Thread: CREATE INDEX as bottleneck

CREATE INDEX as bottleneck

From
"Marc Mamin"
Date:
Hello,

in the last years, we have successfully manage to cope with our data
growth
using partitioning and splitting large aggregation tasks on multiple
threads.
The partitioning is done logically by our applicationn server, thus
avoiding trigger overhead.

There are a few places in our data flow where we have to wait for index
creation before being able to distribute the process on multiple threads
again.

With the expected growth, create index will probably become a severe
bottleneck for us.

Is there any chance to see major improvement on it in a middle future ?
I guess the question is naive, but why can't posgres use multiple
threads for large sort operation ?


best regards,

Marc Mamin

Re: CREATE INDEX as bottleneck

From
Kenneth Marshall
Date:
On Thu, Nov 11, 2010 at 02:41:12PM +0100, Marc Mamin wrote:
> Hello,
>
> in the last years, we have successfully manage to cope with our data
> growth
> using partitioning and splitting large aggregation tasks on multiple
> threads.
> The partitioning is done logically by our applicationn server, thus
> avoiding trigger overhead.
>
> There are a few places in our data flow where we have to wait for index
> creation before being able to distribute the process on multiple threads
> again.
>
> With the expected growth, create index will probably become a severe
> bottleneck for us.
>
> Is there any chance to see major improvement on it in a middle future ?
> I guess the question is naive, but why can't posgres use multiple
> threads for large sort operation ?
>
>
> best regards,
>
> Marc Mamin
>

There has been a recent discussion on the hackers mailing list on
using the infrastructure that is already in place to lauch autovacuum
processes to launch other helper processes. Something like this could
be used to offload the sort process to a much more parallelize version
that could take advantage of multiple I/O streams and CPU cores. Many
things are possible given the appropriate resources: funding, coding
and development cycles...

Regards,
Ken

Re: CREATE INDEX as bottleneck

From
Alex Hunsaker
Date:
On Thu, Nov 11, 2010 at 06:41, Marc Mamin <M.Mamin@intershop.de> wrote:
> There are a few places in our data flow where we have to wait for index
> creation before being able to distribute the process on multiple threads
> again.

Would CREATE INDEX CONCURRENTLY help here?

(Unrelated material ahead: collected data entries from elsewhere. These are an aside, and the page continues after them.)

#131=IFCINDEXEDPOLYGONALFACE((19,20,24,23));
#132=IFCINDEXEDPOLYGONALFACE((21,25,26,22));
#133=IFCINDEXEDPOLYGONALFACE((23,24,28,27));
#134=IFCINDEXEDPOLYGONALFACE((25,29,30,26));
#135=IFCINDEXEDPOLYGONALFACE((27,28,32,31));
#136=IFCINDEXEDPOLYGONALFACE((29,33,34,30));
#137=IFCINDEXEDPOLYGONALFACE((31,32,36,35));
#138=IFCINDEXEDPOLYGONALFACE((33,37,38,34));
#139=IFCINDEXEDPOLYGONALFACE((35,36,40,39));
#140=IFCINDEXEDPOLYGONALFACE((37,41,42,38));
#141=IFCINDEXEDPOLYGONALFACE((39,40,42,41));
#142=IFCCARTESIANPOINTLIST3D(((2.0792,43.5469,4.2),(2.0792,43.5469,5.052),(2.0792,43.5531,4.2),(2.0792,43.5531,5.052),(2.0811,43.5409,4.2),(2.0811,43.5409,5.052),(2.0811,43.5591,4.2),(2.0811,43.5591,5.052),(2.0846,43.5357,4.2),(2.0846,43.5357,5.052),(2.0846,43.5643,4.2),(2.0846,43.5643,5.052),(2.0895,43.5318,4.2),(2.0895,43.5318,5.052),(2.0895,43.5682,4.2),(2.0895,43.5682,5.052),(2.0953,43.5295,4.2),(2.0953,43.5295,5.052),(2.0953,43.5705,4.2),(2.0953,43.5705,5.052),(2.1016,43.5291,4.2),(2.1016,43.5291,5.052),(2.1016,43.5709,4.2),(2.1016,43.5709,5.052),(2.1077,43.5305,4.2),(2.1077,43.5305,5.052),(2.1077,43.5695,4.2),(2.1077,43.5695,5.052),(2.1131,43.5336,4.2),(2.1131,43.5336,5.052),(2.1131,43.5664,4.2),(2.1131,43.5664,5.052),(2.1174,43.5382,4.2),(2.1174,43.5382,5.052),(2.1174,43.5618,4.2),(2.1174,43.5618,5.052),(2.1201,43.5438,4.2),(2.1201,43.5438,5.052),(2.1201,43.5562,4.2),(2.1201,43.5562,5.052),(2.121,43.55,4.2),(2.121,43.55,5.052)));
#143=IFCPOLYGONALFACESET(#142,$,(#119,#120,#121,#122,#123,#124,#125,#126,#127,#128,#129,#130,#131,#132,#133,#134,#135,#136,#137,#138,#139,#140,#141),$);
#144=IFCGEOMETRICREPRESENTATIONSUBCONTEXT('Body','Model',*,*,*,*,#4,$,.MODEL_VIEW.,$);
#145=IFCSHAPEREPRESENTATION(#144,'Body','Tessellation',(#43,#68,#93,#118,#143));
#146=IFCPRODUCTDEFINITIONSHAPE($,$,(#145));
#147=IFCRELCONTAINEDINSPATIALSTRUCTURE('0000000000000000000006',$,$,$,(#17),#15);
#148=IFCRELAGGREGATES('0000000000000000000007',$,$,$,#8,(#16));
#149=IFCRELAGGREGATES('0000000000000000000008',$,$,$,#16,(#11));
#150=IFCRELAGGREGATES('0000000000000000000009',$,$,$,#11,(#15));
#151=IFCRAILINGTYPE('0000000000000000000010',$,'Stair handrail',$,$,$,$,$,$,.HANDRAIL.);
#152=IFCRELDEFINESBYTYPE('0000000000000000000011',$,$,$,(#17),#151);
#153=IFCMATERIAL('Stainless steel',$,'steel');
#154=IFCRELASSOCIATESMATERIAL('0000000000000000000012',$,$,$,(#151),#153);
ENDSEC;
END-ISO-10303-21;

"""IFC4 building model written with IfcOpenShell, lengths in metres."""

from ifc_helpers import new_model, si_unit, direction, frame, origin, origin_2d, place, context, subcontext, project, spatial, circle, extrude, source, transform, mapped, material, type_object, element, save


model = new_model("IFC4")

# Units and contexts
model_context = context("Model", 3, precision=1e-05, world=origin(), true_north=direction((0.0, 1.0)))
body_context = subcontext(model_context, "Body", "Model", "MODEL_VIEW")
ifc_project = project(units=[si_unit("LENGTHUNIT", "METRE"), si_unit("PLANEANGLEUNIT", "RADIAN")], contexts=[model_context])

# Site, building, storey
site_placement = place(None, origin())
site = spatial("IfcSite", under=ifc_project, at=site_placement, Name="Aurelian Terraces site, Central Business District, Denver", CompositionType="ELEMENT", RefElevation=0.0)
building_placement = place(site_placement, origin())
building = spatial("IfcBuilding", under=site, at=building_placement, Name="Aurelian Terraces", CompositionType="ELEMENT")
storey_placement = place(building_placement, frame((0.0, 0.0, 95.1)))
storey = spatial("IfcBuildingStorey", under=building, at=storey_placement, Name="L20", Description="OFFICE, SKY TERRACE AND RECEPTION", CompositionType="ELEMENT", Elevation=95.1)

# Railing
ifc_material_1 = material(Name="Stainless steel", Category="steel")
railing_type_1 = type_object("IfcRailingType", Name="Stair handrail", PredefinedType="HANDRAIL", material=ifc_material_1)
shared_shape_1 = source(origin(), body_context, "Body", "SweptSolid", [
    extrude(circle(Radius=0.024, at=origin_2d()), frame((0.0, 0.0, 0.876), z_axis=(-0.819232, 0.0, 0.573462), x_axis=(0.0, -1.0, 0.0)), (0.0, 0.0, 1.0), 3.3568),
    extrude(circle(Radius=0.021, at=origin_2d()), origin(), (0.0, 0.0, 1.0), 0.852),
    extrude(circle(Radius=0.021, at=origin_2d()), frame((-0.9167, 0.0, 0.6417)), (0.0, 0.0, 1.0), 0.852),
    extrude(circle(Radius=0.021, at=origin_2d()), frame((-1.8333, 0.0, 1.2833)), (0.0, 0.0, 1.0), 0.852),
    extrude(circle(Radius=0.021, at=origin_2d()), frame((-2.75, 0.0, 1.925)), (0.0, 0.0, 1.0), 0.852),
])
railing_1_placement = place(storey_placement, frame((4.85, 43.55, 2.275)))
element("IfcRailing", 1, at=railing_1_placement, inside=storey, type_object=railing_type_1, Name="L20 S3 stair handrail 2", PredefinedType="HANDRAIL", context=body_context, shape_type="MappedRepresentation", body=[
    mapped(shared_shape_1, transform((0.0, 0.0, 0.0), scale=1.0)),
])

Re: CREATE INDEX as bottleneck

From
"Marc Mamin"
Date:
No, CONCURRENTLY is to improve table availability during index creation, but it degrades the performances.

best regards,

Marc Mamin


-----Original Message-----
From: Alex Hunsaker [mailto:badalex@gmail.com] 
Sent: Donnerstag, 11. November 2010 19:55
To: Marc Mamin
Cc: pgsql-performance@postgresql.org
Subject: Re: [PERFORM] CREATE INDEX as bottleneck

On Thu, Nov 11, 2010 at 06:41, Marc Mamin <M.Mamin@intershop.de> wrote:
> There are a few places in our data flow where we have to wait for index
> creation before being able to distribute the process on multiple threads
> again.

Would CREATE INDEX CONCURRENTLY help here?